A lot of the criticism is true when compared to carbon fuels or other more advance forms of electricity generation.  However, what makes it impressive is how far Germany has come in advancing their goals of energy independence away from carbon fuels and shaky suppliers of those fuels.  And this is no small country with a small population.  They are a major industrial country with heavy industry that depends on reliable energy supplies.  Their costs are high now but they are coming down.  It is in their best interest to make this work.  And really, is the price really that high when they can ensure reliable, independent energy sources that are practically inexhaustible?


----------



## Frozen Canuck (Sep 15, 2014)

vinny11950 said:


> And really, is the price really that high when they can ensure reliable, independent energy sources that are practically inexhaustible?



Nope not at all.
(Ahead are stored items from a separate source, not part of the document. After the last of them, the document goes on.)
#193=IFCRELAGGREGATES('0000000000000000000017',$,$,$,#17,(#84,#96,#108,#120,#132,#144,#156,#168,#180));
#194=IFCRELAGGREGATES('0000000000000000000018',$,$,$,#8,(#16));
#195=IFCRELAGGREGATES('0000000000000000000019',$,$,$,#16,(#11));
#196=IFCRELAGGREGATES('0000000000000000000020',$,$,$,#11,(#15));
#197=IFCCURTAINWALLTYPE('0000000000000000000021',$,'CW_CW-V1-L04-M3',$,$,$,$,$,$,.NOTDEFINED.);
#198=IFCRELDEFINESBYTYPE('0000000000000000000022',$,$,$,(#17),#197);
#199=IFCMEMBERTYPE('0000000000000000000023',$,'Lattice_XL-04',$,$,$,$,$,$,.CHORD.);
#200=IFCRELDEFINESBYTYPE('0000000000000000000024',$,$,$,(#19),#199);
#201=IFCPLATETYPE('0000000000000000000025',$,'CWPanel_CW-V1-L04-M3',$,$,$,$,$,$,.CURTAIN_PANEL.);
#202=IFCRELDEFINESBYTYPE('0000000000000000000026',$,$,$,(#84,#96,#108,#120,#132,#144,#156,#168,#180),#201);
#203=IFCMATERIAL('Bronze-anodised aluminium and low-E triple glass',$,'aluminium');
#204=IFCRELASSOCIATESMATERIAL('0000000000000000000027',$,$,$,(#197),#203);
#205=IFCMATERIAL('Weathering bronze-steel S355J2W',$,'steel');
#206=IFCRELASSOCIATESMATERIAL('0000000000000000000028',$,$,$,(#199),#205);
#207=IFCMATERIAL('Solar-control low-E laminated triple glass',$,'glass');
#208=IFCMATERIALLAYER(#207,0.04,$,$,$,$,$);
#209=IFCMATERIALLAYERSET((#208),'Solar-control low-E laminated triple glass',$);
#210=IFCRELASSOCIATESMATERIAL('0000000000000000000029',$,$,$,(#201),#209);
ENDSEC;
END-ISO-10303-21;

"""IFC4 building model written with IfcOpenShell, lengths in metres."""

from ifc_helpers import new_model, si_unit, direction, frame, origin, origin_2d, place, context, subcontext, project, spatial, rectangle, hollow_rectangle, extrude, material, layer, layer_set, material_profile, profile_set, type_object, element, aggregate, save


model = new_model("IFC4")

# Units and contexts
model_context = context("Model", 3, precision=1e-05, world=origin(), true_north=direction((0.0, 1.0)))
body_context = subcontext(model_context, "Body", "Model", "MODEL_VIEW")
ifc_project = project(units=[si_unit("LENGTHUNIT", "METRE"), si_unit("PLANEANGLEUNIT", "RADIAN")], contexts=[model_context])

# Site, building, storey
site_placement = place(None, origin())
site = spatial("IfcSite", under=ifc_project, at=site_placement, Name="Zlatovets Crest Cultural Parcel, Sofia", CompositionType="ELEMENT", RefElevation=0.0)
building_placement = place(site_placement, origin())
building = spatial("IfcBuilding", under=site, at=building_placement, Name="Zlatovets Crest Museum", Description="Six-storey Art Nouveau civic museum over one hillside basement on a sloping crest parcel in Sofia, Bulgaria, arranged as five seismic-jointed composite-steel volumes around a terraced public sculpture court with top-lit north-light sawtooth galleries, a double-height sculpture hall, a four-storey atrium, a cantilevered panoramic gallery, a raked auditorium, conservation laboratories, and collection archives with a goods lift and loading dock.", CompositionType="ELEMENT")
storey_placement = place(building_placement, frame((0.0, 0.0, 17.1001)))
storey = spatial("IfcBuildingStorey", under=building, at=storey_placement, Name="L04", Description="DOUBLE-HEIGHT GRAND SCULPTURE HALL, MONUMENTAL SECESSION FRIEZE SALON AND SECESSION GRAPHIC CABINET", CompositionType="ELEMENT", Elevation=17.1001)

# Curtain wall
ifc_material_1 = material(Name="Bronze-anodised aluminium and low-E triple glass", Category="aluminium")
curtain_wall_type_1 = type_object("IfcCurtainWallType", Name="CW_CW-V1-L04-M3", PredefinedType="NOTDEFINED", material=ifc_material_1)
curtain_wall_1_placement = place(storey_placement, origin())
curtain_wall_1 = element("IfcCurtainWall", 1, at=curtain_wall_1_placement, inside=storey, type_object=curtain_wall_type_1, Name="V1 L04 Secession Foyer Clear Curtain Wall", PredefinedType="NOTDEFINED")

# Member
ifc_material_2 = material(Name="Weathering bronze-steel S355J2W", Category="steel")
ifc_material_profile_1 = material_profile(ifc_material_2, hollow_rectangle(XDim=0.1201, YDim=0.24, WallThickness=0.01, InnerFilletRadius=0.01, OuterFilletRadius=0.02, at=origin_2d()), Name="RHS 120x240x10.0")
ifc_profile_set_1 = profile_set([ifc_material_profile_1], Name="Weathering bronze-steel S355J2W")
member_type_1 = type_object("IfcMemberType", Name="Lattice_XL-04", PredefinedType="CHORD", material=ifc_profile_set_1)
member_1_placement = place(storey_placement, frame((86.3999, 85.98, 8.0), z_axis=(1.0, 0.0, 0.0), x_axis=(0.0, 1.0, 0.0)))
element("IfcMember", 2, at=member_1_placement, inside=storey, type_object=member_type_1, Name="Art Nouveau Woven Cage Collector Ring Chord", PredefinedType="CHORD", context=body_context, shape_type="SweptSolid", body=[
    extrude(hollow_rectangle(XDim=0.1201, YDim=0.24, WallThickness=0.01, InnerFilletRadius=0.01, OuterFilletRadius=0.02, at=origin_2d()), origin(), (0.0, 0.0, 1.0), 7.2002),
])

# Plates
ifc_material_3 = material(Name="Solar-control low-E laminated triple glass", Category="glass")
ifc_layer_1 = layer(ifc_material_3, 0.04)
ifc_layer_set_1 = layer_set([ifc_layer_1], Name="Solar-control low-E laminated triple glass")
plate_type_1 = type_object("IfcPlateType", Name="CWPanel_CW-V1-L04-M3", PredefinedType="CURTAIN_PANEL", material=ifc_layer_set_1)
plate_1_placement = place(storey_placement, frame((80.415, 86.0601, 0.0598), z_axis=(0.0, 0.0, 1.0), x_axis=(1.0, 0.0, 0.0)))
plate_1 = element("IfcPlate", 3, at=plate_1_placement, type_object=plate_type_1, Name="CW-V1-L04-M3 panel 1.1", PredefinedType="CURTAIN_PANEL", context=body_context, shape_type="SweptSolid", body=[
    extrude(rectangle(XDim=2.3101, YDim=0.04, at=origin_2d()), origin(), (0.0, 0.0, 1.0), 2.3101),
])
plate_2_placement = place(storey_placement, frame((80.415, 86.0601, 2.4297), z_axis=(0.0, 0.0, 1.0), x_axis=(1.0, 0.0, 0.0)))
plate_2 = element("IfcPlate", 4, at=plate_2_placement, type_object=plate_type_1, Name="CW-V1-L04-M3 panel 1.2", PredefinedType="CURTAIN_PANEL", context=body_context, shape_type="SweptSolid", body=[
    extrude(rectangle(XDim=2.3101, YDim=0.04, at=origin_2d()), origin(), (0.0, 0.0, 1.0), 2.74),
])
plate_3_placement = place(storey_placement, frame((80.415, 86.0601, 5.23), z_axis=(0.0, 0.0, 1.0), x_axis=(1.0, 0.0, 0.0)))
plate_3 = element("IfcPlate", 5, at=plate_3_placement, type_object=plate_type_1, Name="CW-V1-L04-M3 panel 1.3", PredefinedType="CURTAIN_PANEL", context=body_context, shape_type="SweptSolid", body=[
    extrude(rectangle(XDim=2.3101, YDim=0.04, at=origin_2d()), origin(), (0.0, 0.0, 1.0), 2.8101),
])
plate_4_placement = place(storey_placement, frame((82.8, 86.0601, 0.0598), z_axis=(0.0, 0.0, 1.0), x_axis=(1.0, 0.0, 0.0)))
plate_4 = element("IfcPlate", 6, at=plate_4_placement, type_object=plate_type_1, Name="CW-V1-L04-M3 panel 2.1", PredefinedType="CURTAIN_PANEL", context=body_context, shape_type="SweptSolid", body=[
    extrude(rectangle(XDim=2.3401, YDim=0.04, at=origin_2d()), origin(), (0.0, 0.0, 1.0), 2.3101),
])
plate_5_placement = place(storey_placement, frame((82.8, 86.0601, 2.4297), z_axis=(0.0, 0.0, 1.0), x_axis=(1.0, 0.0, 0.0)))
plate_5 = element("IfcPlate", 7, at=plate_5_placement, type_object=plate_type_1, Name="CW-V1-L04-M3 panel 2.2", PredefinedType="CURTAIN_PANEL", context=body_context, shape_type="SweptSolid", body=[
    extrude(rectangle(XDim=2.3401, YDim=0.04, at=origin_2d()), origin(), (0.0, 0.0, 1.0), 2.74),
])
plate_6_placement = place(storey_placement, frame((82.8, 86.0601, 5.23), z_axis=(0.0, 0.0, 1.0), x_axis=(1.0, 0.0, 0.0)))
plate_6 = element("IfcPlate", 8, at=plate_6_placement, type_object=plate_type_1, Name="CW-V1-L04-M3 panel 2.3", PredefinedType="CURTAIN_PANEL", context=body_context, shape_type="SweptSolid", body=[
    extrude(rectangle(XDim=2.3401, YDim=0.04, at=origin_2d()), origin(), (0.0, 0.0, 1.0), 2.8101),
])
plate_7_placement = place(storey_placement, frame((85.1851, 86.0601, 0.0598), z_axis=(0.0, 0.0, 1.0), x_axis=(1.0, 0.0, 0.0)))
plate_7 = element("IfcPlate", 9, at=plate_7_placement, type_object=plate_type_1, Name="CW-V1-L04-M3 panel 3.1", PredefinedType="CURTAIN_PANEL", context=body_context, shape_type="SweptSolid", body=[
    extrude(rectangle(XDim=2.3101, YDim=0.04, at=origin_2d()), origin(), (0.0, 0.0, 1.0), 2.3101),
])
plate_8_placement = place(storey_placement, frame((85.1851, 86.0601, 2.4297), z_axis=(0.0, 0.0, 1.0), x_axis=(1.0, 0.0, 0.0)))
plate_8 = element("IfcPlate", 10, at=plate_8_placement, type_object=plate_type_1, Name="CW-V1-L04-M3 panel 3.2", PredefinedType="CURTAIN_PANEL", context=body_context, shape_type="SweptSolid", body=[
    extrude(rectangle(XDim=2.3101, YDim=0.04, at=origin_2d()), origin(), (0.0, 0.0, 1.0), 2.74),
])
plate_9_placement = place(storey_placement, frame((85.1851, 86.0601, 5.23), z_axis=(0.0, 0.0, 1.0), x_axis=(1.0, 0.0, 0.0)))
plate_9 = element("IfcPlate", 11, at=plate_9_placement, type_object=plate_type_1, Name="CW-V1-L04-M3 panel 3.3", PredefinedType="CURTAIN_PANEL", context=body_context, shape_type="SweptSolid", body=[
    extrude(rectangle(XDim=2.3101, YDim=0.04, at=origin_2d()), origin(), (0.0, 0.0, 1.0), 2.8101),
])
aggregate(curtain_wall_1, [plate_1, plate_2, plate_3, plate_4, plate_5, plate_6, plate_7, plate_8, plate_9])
Actually cheap when you consider the alternatives & their downsides.


----------



## jebatty (Sep 15, 2014)

One key point in the article is that the German people are willing to pay more for solar/wind electric, probably for a variety of reasons, but key ones being that Germans are proud of their engineering prowess, of the quality of their products, of being highly environmentally responsible, and of simply being a leader and being the best. Those are attributes American citizens should take to heart and from which the US could benefit greatly.


----------



## woodgeek (Sep 15, 2014)

I thought it was a well-done and wide-ranging article describing the current state of affairs, and is a nice piece for a mainstream media source.  The impending changes to the US and global electricity markets are well known to wonks and utility owners at this point (having become accepted wisdom about 1-2 years ago), but have not penetrated into the popular consciousness yet.  One visible effect, however, is that the Renewable Energy naysayers have largely fallen silent, anticipating the success of RE, and trying to avoid future embarrassment.
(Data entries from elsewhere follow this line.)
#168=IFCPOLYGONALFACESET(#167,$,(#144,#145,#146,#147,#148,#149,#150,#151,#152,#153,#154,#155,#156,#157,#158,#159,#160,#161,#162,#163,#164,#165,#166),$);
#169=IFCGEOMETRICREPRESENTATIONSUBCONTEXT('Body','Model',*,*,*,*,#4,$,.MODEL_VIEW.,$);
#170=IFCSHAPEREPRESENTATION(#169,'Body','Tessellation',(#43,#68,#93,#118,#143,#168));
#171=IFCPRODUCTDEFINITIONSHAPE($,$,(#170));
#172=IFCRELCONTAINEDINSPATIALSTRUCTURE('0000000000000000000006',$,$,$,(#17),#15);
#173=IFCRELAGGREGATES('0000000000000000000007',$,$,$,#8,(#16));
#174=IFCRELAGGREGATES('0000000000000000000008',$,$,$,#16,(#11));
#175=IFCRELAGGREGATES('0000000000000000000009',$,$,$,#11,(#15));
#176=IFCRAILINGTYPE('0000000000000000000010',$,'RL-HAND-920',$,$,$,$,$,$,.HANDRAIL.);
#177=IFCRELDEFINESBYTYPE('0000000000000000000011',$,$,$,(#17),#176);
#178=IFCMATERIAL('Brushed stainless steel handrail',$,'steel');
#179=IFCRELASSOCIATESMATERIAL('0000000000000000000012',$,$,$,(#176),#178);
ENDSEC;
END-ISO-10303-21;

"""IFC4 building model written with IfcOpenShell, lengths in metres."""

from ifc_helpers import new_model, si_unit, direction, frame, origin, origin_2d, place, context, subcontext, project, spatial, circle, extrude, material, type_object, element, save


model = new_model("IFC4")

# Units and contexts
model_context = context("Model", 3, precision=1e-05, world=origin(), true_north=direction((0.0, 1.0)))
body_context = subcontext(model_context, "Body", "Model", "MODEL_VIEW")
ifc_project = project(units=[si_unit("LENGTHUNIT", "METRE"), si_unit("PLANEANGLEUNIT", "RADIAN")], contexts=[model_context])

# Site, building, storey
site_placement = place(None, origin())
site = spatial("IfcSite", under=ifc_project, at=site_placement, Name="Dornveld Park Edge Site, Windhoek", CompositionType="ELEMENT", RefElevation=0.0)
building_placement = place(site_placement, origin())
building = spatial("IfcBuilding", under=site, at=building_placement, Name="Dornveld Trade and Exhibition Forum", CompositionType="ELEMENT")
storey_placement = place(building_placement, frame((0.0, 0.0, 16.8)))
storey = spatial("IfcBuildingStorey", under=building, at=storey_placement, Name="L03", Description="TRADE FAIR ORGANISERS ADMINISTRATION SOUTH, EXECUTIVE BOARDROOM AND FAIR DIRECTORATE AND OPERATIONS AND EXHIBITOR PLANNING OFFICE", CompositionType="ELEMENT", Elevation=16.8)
While not really explicitly saying it, though, I thought that the article could give some naive readers the wrong idea.  They paint the Germans as ahead of us, and on an expensive path to a RE future, which implicitly suggests that RE in the future in the US will be a similarly expensive proposition.  I happen to believe that there are many RE paths to a low-CO2 emission future, and which path a country or state takes depends on its particular needs for energy (mostly population density) and the local resources (mostly solar, wind and hydro).
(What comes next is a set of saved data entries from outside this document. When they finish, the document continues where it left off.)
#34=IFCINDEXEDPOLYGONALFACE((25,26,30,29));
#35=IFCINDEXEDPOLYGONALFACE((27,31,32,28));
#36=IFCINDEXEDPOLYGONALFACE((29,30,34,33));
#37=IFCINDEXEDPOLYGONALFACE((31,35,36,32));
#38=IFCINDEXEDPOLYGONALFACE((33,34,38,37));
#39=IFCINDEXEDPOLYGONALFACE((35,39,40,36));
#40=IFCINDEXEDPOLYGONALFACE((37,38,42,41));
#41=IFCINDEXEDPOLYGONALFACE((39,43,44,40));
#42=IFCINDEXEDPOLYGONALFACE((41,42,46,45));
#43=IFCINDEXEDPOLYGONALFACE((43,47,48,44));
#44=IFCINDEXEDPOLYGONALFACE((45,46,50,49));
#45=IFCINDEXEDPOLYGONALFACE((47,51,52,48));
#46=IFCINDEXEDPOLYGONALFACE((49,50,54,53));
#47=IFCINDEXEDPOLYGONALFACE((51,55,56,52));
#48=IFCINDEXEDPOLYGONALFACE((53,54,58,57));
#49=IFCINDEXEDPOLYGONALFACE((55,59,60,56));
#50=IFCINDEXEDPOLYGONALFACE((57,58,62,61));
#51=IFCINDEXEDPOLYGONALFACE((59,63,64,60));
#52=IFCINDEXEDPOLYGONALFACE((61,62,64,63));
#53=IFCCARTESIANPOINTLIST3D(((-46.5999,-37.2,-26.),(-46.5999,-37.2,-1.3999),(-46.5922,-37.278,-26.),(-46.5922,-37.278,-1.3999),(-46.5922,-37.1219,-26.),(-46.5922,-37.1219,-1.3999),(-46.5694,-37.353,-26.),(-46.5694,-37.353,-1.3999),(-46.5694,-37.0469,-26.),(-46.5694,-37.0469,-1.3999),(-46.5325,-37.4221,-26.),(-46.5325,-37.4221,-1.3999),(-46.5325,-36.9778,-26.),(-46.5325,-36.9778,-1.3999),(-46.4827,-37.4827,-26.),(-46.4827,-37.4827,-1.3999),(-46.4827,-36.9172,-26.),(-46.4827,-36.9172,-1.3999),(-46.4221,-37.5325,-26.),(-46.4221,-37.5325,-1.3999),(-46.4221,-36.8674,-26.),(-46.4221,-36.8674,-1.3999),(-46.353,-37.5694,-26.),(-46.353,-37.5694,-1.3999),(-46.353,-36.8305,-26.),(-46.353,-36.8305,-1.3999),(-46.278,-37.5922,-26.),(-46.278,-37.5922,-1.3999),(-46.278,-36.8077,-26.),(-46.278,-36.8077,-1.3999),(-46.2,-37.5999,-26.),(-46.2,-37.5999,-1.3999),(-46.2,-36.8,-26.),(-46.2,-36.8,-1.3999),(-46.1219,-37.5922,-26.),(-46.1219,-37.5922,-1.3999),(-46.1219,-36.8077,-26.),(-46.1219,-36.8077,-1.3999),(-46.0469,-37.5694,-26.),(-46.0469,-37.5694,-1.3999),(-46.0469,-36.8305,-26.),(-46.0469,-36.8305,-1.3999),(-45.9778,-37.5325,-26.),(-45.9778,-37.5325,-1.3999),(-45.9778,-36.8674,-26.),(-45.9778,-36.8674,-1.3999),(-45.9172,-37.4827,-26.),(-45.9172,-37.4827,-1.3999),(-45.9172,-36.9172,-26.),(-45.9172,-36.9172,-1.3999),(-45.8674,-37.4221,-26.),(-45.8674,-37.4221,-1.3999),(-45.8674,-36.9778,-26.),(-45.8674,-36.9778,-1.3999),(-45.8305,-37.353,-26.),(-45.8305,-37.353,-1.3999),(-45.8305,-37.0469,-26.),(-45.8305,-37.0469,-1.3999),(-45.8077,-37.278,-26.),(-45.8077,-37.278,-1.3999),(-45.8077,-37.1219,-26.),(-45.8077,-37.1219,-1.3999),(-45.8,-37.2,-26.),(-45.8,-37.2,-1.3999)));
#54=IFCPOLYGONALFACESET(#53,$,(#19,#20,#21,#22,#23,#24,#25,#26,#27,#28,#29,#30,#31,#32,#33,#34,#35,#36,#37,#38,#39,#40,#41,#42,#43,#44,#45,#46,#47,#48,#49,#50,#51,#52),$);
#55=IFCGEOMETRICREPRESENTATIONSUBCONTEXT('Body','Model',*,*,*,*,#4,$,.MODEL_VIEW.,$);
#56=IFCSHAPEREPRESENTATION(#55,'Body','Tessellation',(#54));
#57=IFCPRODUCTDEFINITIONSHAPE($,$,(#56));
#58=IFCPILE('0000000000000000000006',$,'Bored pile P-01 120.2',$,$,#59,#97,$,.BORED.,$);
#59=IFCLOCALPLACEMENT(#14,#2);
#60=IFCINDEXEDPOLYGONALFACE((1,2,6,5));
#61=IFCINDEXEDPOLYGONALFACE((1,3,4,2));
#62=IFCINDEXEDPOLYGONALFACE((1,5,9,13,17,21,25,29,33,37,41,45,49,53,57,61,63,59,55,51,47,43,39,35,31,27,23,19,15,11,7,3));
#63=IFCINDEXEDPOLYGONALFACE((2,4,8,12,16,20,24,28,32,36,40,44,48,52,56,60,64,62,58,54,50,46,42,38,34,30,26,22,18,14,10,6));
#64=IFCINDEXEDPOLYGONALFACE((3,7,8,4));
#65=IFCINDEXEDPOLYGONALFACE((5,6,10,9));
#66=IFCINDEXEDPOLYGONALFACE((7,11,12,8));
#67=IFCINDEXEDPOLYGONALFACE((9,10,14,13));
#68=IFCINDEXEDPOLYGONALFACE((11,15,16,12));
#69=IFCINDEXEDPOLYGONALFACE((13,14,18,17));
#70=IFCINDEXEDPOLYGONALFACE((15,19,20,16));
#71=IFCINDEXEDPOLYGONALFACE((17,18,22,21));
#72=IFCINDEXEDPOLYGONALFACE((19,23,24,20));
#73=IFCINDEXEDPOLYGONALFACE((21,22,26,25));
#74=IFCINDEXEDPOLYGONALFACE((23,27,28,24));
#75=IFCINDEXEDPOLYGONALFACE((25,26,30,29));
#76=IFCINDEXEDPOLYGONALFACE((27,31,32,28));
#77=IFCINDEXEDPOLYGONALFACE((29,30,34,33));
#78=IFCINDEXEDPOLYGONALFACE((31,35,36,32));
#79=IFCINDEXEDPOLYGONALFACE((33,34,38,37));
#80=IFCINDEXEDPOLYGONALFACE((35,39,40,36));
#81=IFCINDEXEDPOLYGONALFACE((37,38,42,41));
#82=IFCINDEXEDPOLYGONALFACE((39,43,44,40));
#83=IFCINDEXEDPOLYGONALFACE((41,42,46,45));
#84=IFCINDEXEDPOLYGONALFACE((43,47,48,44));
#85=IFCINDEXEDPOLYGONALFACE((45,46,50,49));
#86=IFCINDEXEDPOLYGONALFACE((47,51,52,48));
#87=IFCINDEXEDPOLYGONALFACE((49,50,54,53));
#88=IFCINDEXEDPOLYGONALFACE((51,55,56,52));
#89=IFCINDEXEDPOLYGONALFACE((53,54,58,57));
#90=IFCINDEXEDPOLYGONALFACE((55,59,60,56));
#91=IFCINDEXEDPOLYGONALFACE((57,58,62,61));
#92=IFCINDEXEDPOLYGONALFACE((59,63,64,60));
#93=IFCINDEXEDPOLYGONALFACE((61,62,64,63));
From this point of view, everyone is different.  Some lucky places already have so much hydro relative to their population (Quebec, PNW) that they are already nearly at 100% RE.   Similarly, some locations will find it relatively inexpensive to develop large amounts of (on-shore) wind and PV solar, and could in principle field enough of those (if and when inexpensive storage exists) to get to 100% energy.  For example, the US prairie states and Scotland could get to 100% on-shore wind energy, the Western and Southern US states could get 100% of their energy from PV solar.

The key difference between the US and Germany, however, is that I think we have a lot more RE resources, and that will make the task of the US getting to high RE penetration cheaper and easier than in Germany.  all of the lower 48 states have far more of the most abundant RE resource, solar, than any location in Germany. Our onshore wind and hydro potential are better per capita.  Our off-shore wind resource is also great.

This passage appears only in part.